In the regulatory landscape, G20 countries will meet in Fukuoka, Japan next month with plans on creating a cryptocurrency exchange registry to help prevent money laundering with digital assets (CCN). On the other hand, the Central Bank of the Bahamas (CBOB) unveiled a plan to launch its own digital currency in 2020 via its initiative “Project Sand Dollar” (Cointelegraph). In the United States, Montana joins Wyoming in its attempt to provide a regulatory friendly environment for digital asset firms by passing a bill to exempt utility tokens from security laws (Coindesk).
In the retail space, LVMH and Christian Dior released a blockchain in collaboration with Microsoft dubbed “Aura” to verify the authenticity of luxury goods and to put an end to the counterfeit goods market (Cointelegraph). Meanwhile, payment network Flexa has launched an app that will allow you to spend cryptocurrencies at physical stores. It currently supports payment at several of the most popular firms in the United States such as GameStop, Nordstrom and Whole Foods (Cointelegraph). In addition, AT&T has teamed up with BitPay to allow its customers to pay for bills using cryptocurrencies (Coindesk).

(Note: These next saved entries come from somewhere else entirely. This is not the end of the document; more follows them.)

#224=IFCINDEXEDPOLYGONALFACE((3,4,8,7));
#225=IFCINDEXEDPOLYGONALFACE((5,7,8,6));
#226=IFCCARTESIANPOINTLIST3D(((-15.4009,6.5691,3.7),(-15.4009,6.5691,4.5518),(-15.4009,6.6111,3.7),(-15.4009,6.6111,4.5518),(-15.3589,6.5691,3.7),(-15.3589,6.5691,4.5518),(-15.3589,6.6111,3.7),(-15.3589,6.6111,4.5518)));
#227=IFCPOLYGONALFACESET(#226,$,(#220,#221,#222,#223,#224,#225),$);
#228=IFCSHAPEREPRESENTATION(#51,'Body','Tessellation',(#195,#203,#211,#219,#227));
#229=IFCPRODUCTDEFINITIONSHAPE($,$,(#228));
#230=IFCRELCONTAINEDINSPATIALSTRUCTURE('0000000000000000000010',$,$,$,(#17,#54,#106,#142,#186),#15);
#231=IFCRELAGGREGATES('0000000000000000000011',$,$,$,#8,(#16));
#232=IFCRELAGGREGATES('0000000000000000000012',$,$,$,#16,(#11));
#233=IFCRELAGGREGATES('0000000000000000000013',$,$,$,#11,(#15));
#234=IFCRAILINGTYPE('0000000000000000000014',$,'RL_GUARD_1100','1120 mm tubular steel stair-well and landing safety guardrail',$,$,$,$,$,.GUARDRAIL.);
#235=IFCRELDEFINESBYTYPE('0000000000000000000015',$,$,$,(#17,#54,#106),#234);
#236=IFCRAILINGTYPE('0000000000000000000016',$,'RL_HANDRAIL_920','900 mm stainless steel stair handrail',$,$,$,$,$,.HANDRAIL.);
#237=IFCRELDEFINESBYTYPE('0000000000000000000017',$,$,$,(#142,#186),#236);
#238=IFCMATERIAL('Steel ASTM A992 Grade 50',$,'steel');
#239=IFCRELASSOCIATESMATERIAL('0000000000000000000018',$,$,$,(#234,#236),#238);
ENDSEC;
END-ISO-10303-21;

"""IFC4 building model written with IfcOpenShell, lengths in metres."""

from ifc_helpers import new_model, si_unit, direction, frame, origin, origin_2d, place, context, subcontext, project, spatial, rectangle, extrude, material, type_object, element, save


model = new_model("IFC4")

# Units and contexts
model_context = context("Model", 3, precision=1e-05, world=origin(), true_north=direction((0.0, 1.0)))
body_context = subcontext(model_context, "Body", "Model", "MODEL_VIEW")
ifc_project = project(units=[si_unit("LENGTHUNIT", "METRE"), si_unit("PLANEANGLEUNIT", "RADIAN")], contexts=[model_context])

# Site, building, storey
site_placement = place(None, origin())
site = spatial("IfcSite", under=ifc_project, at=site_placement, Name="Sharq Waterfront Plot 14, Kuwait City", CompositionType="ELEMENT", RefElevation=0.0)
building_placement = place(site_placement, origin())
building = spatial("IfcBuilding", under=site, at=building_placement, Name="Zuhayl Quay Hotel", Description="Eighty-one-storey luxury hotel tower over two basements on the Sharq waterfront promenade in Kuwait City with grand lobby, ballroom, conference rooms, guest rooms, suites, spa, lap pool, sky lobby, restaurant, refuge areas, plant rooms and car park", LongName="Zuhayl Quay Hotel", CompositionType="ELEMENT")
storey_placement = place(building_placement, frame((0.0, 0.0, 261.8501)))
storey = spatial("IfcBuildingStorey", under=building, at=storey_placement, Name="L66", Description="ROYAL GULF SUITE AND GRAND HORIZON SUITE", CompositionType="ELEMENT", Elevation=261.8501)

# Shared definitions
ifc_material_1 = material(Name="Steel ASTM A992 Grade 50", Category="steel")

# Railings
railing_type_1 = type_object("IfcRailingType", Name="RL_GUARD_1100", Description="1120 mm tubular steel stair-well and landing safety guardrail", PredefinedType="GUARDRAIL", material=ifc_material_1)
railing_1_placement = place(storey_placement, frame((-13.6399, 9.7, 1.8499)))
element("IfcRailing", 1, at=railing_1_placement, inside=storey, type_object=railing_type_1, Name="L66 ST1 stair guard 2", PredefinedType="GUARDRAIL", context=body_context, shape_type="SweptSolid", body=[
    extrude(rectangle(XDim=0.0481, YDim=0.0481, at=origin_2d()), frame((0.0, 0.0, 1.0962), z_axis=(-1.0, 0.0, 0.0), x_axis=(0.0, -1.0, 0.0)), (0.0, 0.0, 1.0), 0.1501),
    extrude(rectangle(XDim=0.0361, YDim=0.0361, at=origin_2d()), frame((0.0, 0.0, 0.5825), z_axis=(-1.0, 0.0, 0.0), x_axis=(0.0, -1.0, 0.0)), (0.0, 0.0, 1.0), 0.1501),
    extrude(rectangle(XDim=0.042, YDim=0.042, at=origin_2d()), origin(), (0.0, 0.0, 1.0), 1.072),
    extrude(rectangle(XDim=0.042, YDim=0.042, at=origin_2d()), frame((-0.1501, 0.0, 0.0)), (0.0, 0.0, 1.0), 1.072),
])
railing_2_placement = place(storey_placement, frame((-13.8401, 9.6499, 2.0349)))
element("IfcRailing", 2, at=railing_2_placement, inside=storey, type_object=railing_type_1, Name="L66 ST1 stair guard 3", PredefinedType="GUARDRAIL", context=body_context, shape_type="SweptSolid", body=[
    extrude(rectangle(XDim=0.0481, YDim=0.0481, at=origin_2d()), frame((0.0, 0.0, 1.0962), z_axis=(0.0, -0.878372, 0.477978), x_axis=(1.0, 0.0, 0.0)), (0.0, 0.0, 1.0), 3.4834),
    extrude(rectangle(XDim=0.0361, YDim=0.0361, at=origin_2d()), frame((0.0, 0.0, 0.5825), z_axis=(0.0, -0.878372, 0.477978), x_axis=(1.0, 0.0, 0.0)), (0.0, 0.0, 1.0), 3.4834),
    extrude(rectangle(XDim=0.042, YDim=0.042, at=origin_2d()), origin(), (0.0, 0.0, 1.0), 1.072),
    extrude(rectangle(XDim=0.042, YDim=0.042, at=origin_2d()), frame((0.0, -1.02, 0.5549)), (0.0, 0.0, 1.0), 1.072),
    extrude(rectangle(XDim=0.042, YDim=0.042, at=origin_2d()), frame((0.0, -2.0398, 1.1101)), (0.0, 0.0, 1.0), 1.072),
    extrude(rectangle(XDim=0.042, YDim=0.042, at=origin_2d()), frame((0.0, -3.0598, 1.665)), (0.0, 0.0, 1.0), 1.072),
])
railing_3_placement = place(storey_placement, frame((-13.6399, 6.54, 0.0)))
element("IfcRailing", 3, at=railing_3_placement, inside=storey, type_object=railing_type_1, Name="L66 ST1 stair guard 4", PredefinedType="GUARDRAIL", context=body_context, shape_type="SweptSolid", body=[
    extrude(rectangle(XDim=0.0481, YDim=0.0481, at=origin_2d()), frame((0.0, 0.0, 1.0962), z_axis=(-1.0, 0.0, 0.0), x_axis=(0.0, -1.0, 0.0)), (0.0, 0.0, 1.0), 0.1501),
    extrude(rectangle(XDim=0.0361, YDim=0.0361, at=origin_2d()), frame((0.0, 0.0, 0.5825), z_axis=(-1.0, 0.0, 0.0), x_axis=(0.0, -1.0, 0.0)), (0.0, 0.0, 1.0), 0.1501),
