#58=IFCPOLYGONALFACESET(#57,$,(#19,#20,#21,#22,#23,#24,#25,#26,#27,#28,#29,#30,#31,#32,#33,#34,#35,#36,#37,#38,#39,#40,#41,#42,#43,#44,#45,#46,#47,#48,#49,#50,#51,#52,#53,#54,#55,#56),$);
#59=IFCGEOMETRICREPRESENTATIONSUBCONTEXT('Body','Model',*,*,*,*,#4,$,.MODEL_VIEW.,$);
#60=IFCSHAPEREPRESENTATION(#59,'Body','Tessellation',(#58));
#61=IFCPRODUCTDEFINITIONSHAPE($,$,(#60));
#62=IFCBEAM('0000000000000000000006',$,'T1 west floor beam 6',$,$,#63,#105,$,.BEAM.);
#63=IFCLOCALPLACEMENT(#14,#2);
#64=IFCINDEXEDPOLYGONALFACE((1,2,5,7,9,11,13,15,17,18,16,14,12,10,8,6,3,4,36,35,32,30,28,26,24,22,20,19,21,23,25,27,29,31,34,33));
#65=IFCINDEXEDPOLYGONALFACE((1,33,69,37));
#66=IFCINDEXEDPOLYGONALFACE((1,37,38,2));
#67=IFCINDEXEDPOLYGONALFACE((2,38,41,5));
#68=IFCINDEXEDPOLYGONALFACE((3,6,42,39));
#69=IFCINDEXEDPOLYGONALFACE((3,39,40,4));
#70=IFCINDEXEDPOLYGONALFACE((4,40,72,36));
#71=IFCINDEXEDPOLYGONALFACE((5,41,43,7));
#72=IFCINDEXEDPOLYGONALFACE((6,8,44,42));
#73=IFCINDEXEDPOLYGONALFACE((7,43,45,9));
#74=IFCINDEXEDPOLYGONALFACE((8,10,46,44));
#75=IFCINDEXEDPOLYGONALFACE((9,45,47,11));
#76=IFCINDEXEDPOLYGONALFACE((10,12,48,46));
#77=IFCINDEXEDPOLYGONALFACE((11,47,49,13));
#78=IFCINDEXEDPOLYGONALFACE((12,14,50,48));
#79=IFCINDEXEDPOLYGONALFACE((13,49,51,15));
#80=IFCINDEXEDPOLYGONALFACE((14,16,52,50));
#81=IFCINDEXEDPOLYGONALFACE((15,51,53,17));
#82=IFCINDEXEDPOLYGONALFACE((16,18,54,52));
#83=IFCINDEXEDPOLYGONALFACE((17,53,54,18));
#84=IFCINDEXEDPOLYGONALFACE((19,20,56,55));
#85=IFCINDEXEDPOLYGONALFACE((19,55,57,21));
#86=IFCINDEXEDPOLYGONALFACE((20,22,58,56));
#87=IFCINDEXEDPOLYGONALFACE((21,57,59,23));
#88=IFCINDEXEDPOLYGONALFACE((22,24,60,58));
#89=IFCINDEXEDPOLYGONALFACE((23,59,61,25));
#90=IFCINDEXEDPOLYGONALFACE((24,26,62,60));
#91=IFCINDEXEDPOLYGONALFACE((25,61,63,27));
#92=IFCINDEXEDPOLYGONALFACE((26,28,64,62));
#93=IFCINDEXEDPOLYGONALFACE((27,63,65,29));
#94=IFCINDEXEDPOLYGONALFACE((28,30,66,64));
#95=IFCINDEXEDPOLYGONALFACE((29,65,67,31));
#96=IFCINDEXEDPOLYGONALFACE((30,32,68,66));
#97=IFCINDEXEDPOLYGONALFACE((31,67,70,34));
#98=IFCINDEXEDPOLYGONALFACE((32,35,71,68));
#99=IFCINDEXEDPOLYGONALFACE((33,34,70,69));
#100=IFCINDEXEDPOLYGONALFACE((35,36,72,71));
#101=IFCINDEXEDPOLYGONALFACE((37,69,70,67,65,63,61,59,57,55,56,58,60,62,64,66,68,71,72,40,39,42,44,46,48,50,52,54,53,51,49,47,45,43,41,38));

The most notable development in the digital asset space is Amazon’s recent filing of its Proof of Work patent. Although we are still unsure of Amazon’s digital asset and blockchain plans, it is interesting to speculate on the potential impacts of Amazon releasing a cryptocurrency of their own (Coindesk). Amazon’s cryptocurrency could integrate its +100 million prime users (Fortune), in other words, creating 100 million more cryptocurrency wallets, or greater than three times the amount of bitcoin wallets in existence (Bitcoin Market Journal). Interestingly, if Amazon releases a stable-coin, it could be a perfect opportunity for citizens in countries with precarious economic situations to hedge their currency exposure, while having an all in one place to shop for everyday necessities.
Lastly, in other digital asset and blockchain news, Microsoft is now in the midst of launching a decentralized identity system, “ION”. ION is built on top of the Bitcoin network and its goal is to create an ecosystem where each individual can have more control of both their identity and their data (Cointelegraph). On the other hand, Facebook has finally unveiled its plans for its long-anticipated stable-coin, which was recently dubbed “GlobalCoin”. GlobalCoin will act as a payment network where Facebook’s billions of users can transfer money to and from each other, while also being able to make online purchases (Coindesk). Spencer Bogart, Partner at Blockchain Capital, claims that Facebook’s entrance into the digital asset industry is a “…dramatic catalyst”, which can double or even triple the number of crypto users (To The Moon News). Facebook is hoping to launch GlobalCoin in a dozen countries by the first quarter of 2020 (Coindesk). In addition to Facebook’s stable-coin plans, Coinbase is expanding their stable-coin, USD Coin (USDC), into 85 countries seeking to act as a less volatile form of payment for citizens living in high inflationary environments (Coindesk). Finally, Russia is rumoring to release a gold backed cryptocurrency of its own. If true, they will join Iran in being the only two countries to have its own national cryptocurrency backed by gold (Coindesk).